Bottle 2 Rocks said:


> Made to look old, not really a pontil bottle and not older then the 1940's.


What clues did I miss that would tell me it was not older then 1940.


----------



## willong (Jul 23, 2021)

[/QUOTE]


cowsgomoo said:


> It was very inexpensive so if this isn’t all that old of a bottle them I’m only down $4 for it. I think the stamp says “authentic glass” but I can’t make out what it says in the middle. The base could be a pontil because I’m not seeing any distinct marks to indicate it’s not and the base around the edges is smooth but the middle of it is rough and has the raise part. Overall the bottle looks like it was blown in one color and then stained in a red (clearly visible on the base). The mold seam does not run all of the way to the lip like it would for a milk bottle and the lip itself is uneven and looks to be applied but the interior is smooth so I’m guess a tooled finish to make it like that. There’s also bubbles throughout.
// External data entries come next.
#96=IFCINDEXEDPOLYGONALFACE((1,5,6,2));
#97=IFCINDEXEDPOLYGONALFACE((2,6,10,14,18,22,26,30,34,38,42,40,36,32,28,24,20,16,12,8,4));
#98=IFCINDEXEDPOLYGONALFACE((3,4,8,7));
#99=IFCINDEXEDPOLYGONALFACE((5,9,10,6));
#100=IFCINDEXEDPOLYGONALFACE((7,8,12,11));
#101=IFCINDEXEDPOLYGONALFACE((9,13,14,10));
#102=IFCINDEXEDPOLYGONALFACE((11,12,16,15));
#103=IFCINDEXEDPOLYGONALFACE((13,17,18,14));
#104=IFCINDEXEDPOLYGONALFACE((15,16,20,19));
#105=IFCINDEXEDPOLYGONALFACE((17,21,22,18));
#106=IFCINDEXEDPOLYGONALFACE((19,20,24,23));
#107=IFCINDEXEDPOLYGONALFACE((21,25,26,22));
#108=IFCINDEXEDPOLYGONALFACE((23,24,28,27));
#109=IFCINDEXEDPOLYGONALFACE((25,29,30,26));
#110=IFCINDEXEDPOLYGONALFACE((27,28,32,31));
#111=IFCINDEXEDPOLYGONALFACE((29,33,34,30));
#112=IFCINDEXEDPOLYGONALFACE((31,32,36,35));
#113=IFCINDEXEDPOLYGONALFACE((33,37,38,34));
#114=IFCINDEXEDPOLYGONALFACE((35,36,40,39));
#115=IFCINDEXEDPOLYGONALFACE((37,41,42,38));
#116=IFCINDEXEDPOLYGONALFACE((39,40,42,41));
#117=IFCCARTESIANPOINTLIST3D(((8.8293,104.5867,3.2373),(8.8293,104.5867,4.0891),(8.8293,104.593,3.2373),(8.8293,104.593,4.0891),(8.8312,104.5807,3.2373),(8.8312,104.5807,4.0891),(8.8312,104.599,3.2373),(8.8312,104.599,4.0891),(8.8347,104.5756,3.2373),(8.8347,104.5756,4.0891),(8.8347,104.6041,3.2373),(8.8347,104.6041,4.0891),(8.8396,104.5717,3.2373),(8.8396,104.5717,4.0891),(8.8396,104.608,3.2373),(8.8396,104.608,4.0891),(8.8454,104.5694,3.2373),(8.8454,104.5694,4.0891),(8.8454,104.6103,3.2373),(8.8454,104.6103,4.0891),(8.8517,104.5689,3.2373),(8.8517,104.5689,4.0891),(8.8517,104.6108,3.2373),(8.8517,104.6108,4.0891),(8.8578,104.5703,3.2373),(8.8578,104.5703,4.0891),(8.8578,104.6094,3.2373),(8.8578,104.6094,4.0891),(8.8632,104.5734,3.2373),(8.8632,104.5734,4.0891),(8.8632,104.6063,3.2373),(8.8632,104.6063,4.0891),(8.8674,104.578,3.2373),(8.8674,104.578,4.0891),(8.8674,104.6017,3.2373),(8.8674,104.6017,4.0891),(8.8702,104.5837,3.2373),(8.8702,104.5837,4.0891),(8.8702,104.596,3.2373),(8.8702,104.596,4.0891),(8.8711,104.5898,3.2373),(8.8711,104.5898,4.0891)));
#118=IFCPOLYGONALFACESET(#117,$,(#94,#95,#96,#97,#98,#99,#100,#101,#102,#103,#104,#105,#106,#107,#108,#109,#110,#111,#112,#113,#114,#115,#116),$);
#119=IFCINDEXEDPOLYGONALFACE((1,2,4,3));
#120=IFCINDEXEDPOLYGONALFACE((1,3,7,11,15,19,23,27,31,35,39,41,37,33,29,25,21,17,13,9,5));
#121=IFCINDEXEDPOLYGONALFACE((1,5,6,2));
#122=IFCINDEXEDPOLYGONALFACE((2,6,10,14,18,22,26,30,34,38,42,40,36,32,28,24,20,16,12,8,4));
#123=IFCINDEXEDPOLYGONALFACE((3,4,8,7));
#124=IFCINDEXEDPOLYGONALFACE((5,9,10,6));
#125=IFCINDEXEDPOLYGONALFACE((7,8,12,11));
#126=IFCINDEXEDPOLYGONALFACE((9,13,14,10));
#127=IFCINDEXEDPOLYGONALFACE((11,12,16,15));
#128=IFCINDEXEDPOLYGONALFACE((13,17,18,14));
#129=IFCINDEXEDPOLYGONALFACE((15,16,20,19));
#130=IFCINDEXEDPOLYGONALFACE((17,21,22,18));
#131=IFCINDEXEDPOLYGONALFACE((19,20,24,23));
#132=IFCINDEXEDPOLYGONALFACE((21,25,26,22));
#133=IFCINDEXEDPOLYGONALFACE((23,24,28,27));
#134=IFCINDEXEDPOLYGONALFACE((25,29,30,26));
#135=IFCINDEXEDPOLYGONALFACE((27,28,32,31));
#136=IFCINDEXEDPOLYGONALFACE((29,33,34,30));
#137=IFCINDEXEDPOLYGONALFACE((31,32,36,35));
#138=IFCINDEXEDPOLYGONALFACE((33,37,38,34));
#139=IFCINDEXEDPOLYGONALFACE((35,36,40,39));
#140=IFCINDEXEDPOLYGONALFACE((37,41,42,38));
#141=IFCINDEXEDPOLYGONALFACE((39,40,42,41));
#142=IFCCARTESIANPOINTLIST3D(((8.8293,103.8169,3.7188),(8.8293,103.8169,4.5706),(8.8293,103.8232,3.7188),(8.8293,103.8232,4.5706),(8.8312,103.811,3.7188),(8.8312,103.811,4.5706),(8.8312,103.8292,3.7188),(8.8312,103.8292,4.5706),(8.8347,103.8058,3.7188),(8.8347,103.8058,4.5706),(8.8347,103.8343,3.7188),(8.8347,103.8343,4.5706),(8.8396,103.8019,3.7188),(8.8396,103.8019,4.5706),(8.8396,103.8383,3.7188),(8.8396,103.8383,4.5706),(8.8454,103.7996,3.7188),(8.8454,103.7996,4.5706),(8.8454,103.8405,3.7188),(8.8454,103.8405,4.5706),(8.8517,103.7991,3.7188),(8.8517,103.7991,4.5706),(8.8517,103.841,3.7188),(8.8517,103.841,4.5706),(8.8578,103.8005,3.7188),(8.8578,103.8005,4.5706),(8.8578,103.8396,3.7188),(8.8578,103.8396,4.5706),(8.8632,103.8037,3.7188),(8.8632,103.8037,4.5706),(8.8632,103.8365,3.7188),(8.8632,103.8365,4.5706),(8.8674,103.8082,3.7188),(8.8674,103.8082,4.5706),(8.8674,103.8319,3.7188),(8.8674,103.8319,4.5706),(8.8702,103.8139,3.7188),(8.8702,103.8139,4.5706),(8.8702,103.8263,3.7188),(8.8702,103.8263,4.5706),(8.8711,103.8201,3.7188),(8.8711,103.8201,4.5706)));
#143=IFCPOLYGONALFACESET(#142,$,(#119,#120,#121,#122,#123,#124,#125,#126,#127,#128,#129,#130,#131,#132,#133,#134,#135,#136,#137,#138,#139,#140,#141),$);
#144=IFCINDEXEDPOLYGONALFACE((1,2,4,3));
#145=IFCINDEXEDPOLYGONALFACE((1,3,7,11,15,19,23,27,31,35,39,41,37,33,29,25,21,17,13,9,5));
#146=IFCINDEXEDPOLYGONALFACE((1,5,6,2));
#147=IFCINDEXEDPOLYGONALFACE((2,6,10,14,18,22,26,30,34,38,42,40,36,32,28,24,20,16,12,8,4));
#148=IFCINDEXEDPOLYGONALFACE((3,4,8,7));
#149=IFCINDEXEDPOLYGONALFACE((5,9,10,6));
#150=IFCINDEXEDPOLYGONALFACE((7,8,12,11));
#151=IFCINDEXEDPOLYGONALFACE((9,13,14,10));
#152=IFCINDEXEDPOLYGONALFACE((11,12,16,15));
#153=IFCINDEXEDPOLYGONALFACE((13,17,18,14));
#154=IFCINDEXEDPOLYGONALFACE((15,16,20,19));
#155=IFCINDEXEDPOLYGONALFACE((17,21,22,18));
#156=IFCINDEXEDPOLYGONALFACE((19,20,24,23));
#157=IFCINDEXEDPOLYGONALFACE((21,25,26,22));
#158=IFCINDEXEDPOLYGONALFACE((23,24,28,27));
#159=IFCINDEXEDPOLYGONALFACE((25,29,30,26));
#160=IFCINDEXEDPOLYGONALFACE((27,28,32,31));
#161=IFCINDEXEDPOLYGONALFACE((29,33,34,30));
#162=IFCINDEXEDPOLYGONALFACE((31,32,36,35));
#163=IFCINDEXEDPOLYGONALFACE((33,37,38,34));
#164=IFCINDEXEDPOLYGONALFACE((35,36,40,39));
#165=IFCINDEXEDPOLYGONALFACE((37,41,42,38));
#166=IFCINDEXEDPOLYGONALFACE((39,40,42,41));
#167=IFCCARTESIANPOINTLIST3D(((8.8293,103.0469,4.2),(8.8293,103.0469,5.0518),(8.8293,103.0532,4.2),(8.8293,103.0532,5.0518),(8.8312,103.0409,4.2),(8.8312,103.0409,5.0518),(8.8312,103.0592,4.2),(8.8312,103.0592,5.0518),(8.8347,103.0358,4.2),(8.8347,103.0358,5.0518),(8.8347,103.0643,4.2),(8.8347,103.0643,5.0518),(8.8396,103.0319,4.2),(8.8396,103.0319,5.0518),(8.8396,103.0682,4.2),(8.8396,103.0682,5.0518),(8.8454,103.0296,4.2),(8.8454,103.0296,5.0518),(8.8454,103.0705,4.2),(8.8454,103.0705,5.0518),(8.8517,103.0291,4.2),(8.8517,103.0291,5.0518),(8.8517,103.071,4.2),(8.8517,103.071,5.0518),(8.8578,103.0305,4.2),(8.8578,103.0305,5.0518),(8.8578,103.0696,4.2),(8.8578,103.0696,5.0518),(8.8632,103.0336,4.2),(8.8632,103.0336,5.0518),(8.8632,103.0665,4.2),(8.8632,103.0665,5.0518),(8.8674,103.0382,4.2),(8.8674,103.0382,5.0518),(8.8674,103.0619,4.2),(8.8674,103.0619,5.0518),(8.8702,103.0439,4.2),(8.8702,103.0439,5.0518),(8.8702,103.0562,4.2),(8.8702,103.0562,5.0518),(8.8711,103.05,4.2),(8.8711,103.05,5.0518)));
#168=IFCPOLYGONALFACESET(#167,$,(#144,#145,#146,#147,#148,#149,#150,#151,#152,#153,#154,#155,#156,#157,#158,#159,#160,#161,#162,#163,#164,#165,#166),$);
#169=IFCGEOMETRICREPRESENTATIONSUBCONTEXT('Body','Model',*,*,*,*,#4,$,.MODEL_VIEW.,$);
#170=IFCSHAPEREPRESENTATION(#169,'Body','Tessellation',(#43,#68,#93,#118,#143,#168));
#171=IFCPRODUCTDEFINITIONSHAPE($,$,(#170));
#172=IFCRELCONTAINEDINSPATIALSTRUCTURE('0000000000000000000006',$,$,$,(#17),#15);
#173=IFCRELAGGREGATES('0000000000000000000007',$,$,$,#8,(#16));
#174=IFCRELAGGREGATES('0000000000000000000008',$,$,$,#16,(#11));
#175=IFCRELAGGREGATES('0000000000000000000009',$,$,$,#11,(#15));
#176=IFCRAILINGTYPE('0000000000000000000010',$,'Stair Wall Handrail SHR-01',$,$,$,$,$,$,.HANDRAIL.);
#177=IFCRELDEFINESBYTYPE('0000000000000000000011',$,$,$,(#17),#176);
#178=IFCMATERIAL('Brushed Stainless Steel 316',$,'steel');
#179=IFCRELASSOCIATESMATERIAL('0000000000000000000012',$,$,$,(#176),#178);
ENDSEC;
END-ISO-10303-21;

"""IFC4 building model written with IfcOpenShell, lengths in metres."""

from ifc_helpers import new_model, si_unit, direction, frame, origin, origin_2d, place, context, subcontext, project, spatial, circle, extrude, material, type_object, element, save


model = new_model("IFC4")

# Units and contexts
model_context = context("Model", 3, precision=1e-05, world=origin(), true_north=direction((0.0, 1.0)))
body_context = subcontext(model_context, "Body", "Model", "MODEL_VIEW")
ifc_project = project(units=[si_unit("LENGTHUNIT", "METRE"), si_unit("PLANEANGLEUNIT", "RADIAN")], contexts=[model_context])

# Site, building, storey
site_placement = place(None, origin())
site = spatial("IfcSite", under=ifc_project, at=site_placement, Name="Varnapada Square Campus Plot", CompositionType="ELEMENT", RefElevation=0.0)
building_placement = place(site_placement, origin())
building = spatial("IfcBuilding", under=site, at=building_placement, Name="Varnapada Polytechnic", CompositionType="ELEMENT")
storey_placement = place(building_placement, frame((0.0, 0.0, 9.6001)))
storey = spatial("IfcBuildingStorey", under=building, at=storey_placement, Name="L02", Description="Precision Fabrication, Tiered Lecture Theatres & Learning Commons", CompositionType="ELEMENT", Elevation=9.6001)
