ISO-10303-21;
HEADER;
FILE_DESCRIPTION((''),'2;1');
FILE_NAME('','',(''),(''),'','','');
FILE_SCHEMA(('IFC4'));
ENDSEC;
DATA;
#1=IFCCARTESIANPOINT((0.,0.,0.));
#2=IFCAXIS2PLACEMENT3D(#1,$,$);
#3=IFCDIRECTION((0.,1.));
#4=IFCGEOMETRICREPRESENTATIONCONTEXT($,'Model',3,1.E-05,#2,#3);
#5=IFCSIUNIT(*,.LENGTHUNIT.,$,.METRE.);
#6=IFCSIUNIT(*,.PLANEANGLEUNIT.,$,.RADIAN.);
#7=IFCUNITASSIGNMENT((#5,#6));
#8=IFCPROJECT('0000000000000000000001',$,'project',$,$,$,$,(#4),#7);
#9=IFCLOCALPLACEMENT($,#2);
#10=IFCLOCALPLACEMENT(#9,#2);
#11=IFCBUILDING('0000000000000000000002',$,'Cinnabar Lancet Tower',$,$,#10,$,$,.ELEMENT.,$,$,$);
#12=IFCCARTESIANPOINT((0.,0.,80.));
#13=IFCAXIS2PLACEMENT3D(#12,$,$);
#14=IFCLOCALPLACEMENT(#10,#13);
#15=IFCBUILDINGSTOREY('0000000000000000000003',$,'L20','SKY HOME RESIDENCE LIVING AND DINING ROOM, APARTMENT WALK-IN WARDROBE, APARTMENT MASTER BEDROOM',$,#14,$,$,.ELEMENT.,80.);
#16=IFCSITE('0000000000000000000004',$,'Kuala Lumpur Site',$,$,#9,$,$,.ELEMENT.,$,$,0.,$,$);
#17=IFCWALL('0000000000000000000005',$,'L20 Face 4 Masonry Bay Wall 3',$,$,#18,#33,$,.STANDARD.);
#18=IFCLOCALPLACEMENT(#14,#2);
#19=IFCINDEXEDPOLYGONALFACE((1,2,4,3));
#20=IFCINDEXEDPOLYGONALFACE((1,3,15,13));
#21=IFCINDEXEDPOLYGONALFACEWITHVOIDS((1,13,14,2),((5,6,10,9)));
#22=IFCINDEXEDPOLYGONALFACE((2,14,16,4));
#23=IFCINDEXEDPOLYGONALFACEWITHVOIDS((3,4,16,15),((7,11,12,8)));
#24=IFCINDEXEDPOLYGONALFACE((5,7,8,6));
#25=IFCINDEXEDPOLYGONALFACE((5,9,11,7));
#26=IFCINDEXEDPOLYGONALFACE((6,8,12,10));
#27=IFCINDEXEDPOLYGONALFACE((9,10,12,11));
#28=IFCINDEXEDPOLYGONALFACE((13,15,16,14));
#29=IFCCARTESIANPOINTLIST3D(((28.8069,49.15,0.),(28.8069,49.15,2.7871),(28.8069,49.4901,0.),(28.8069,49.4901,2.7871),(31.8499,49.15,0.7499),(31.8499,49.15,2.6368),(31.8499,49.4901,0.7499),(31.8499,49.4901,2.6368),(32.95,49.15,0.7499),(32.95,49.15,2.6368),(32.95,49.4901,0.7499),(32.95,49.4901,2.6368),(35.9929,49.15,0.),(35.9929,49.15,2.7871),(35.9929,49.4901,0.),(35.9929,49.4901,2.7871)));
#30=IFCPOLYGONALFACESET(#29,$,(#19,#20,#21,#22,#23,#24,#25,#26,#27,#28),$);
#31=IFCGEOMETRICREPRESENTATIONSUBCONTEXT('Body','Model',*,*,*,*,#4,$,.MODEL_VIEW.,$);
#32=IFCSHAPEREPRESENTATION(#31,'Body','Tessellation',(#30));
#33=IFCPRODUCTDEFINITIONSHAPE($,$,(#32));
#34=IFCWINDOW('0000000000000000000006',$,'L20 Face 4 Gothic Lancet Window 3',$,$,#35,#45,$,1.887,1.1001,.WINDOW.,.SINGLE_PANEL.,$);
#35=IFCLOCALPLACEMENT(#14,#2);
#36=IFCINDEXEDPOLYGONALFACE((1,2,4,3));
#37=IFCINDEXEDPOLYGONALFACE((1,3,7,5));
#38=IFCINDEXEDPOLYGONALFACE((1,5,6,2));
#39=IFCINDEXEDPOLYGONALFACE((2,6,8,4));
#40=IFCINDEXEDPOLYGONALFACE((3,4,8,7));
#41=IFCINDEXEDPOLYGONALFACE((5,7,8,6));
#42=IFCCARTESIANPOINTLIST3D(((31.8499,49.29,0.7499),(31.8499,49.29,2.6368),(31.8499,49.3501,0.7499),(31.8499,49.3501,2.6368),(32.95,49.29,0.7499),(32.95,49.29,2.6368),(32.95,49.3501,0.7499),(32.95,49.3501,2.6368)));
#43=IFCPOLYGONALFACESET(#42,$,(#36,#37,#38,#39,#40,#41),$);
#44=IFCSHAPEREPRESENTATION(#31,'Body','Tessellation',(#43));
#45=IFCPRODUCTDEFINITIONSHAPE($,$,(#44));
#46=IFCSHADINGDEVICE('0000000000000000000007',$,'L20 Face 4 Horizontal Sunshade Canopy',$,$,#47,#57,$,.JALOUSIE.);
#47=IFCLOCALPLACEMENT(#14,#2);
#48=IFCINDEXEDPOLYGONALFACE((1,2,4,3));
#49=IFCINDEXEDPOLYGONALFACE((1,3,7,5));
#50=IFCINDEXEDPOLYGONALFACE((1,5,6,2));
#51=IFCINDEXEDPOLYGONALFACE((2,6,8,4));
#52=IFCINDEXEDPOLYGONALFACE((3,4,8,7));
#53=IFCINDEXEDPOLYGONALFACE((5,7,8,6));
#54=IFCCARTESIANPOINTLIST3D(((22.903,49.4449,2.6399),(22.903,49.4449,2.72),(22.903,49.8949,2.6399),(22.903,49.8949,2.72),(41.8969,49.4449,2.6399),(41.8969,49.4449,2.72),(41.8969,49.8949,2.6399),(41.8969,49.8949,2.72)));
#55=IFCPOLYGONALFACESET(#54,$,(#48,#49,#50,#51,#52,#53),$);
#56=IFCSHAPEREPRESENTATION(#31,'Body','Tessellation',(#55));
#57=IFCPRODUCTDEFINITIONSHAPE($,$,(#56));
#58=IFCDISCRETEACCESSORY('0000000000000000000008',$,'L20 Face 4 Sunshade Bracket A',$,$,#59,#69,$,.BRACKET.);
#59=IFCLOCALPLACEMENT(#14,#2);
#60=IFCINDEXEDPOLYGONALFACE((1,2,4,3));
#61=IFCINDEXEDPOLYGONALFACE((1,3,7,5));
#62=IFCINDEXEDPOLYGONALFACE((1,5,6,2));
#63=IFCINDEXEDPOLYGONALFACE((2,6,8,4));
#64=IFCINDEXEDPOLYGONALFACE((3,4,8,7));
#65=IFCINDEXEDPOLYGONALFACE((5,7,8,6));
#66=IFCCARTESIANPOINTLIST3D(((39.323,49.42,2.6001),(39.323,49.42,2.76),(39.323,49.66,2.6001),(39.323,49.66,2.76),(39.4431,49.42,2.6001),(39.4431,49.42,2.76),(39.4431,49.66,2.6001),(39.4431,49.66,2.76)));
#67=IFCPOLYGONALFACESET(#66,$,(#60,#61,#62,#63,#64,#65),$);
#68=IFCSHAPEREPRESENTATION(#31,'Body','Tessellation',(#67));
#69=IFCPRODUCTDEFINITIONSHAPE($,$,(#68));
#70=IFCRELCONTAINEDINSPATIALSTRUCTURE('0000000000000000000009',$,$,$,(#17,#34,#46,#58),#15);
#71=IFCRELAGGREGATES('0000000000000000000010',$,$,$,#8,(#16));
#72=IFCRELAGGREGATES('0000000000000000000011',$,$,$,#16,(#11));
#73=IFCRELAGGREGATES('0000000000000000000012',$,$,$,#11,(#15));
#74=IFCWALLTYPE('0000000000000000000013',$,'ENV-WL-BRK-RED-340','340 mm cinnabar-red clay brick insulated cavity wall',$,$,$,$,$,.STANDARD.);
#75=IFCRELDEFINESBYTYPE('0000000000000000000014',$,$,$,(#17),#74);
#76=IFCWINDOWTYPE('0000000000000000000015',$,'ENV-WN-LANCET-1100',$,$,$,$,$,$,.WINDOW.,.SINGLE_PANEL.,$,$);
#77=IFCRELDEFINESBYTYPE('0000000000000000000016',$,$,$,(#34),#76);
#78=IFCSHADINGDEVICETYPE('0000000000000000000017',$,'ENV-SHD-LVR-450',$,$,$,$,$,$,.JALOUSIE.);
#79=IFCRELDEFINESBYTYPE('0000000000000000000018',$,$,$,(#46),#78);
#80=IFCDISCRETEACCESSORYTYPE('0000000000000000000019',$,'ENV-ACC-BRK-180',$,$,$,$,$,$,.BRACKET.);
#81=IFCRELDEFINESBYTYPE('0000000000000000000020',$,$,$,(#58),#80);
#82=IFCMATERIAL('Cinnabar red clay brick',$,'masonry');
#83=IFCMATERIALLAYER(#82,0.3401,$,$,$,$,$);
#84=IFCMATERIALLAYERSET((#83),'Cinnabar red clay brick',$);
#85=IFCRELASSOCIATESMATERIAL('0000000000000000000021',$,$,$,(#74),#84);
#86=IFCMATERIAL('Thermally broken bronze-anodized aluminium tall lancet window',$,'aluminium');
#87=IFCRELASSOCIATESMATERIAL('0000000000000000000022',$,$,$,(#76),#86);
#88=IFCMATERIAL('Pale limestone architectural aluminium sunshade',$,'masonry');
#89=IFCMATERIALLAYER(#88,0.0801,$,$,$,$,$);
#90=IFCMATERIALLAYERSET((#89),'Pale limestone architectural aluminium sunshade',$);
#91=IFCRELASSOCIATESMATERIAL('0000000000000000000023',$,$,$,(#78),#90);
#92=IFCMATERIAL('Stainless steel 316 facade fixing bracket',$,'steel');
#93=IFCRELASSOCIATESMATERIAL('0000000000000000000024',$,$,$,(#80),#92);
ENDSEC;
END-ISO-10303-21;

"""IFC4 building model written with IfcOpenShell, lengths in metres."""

from ifc_helpers import new_model, si_unit, direction, frame, frame_2d, origin, origin_2d, place, context, subcontext, project, spatial, rectangle, extrude, material, layer, layer_set, type_object, element, fill, save


model = new_model("IFC4")

# Units and contexts
model_context = context("Model", 3, precision=1e-05, world=origin(), true_north=direction((0.0, 1.0)))
body_context = subcontext(model_context, "Body", "Model", "MODEL_VIEW")
ifc_project = project(units=[si_unit("LENGTHUNIT", "METRE"), si_unit("PLANEANGLEUNIT", "RADIAN")], contexts=[model_context])

# Site, building, storey
site_placement = place(None, origin())
site = spatial("IfcSite", under=ifc_project, at=site_placement, Name="Kuala Lumpur Site", CompositionType="ELEMENT", RefElevation=0.0)
building_placement = place(site_placement, origin())
building = spatial("IfcBuilding", under=site, at=building_placement, Name="Cinnabar Lancet Tower", CompositionType="ELEMENT")
storey_placement = place(building_placement, frame((0.0, 0.0, 80.0)))
storey = spatial("IfcBuildingStorey", under=building, at=storey_placement, Name="L20", Description="SKY HOME RESIDENCE LIVING AND DINING ROOM, APARTMENT WALK-IN WARDROBE, APARTMENT MASTER BEDROOM", CompositionType="ELEMENT", Elevation=80.0)

# Wall, opening, window
ifc_material_1 = material(Name="Cinnabar red clay brick", Category="masonry")
ifc_layer_1 = layer(ifc_material_1, 0.3401)
ifc_layer_set_1 = layer_set([ifc_layer_1], Name="Cinnabar red clay brick")
wall_type_1 = type_object("IfcWallType", Name="ENV-WL-BRK-RED-340", Description="340 mm cinnabar-red clay brick insulated cavity wall", PredefinedType="STANDARD", material=ifc_layer_set_1)
ifc_material_2 = material(Name="Thermally broken bronze-anodized aluminium tall lancet window", Category="aluminium")
window_type = type_object("IfcWindowType", Name="ENV-WN-LANCET-1100", PartitioningType="SINGLE_PANEL", PredefinedType="WINDOW", material=ifc_material_2)
wall_1_placement = place(storey_placement, frame((35.9929, 49.3201, 0.0), z_axis=(0.0, 0.0, 1.0), x_axis=(-1.0, 0.0, 0.0)))
wall_1 = element("IfcWall", 1, at=wall_1_placement, inside=storey, type_object=wall_type_1, Name="L20 Face 4 Masonry Bay Wall 3", PredefinedType="STANDARD", context=body_context, shape_type="SweptSolid", body=[
    extrude(rectangle(XDim=7.186, YDim=0.3401, at=frame_2d((3.593, 0.0))), origin(), (0.0, 0.0, 1.0), 2.7871),
])
opening_1_placement = place(wall_1_placement, frame((3.043, 0.0, 0.75)))
opening_1 = element("IfcOpeningElement", 2, at=opening_1_placement, cuts=wall_1, PredefinedType="OPENING", context=body_context, shape_type="SweptSolid", body=[
    extrude(rectangle(XDim=1.1001, YDim=1.887, at=frame_2d((0.55, 0.9434))), frame((0.0, 0.1799, 0.0), z_axis=(0.0, -1.0, 0.0), x_axis=(1.0, 0.0, 0.0)), (0.0, 0.0, 1.0), 0.3601),
])
window_1_placement = place(opening_1_placement, origin())
window_1 = element("IfcWindow", 3, at=window_1_placement, inside=storey, type_object=window_type, Name="L20 Face 4 Gothic Lancet Window 3", OverallHeight=1.887, OverallWidth=1.1001, PartitioningType="SINGLE_PANEL", PredefinedType="WINDOW", context=body_context, shape_type="SweptSolid", body=[
    extrude(rectangle(XDim=1.1001, YDim=1.887, at=frame_2d((0.55, 0.9434))), frame((0.0, 0.03, 0.0), z_axis=(0.0, -1.0, 0.0), x_axis=(1.0, 0.0, 0.0)), (0.0, 0.0, 1.0), 0.0601),
])
fill(opening_1, window_1)

# Shading device
ifc_material_3 = material(Name="Pale limestone architectural aluminium sunshade", Category="masonry")
ifc_layer_2 = layer(ifc_material_3, 0.0801)
ifc_layer_set_2 = layer_set([ifc_layer_2], Name="Pale limestone architectural aluminium sunshade")
shading_device_type = type_object("IfcShadingDeviceType", Name="ENV-SHD-LVR-450", PredefinedType="JALOUSIE", material=ifc_layer_set_2)
shading_device_placement = place(storey_placement, frame((32.3999, 49.6699, 2.6399), z_axis=(0.0, 0.0, 1.0), x_axis=(-1.0, 0.0, 0.0)))
element("IfcShadingDevice", 4, at=shading_device_placement, inside=storey, type_object=shading_device_type, Name="L20 Face 4 Horizontal Sunshade Canopy", PredefinedType="JALOUSIE", context=body_context, shape_type="SweptSolid", body=[
    extrude(rectangle(XDim=18.9939, YDim=0.45, at=origin_2d()), origin(), (0.0, 0.0, 1.0), 0.0801),
])

# Discrete accessory
ifc_material_4 = material(Name="Stainless steel 316 facade fixing bracket", Category="steel")
discrete_accessory_type = type_object("IfcDiscreteAccessoryType", Name="ENV-ACC-BRK-180", PredefinedType="BRACKET", material=ifc_material_4)
discrete_accessory_placement = place(storey_placement, frame((39.3831, 49.54, 2.6001), z_axis=(0.0, 0.0, 1.0), x_axis=(-1.0, 0.0, 0.0)))
element("IfcDiscreteAccessory", 5, at=discrete_accessory_placement, inside=storey, type_object=discrete_accessory_type, Name="L20 Face 4 Sunshade Bracket A", PredefinedType="BRACKET", context=body_context, shape_type="SweptSolid", body=[
    extrude(rectangle(XDim=0.1201, YDim=0.24, at=origin_2d()), origin(), (0.0, 0.0, 1.0), 0.1599),
])

save(model, "model.ifc")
I took a closer look at the full size version of a couple of your photos. Actually, it looks to me like that lip was fully formed in a mold. Look closely, and I think you'll agree that there are two annular seams going around the circumference of the lip: one just where the neck transitions into the lip flare at the top end of the vertical seam, the other one at the top of the lip encircling the opening. I believe it is a machine made bottle intended to be used as a decanter or cruet. Someone likely applied that stain to make it resemble a sunburned bottle turning amethyst; but the bottles that do that were originally clear glass, not aqua. It is an reaction with UV exposure to the manganese added to the batch to clarify the glass which causes the color change in authentic examples.


----------



## cowsgomoo (Jul 23, 2021)

I took a closer look at the full size version of a couple of your photos. Actually, it looks to me like that lip was fully formed in a mold. Look closely, and I think you'll agree that there are two annular seams going around the circumference of the lip: one just where the neck transitions into the lip flare at the top end of the vertical seam, the other one at the top of the lip encircling the opening. I believe it is a machine made bottle intended to be used as a decanter or cruet. Someone likely applied that stain to make it resemble a sunburned bottle turning amethyst; but the bottles that do that were originally clear glass, not aqua. It is an reaction with UV exposure to the manganese added to the batch to clarify the glass which causes the color change in authentic examples.
[/QUOTE]
I saw the line in part of the lip but the flare doesn’t mesh with a mold line so I didn’t chalk it up to being a mold. I do agree it looks like at some point the color was added since the base is a different color.


----------



## willong (Jul 23, 2021)

The detail above--note the T shape--shows the junction of the long vertical seam with the annular seam at transition point.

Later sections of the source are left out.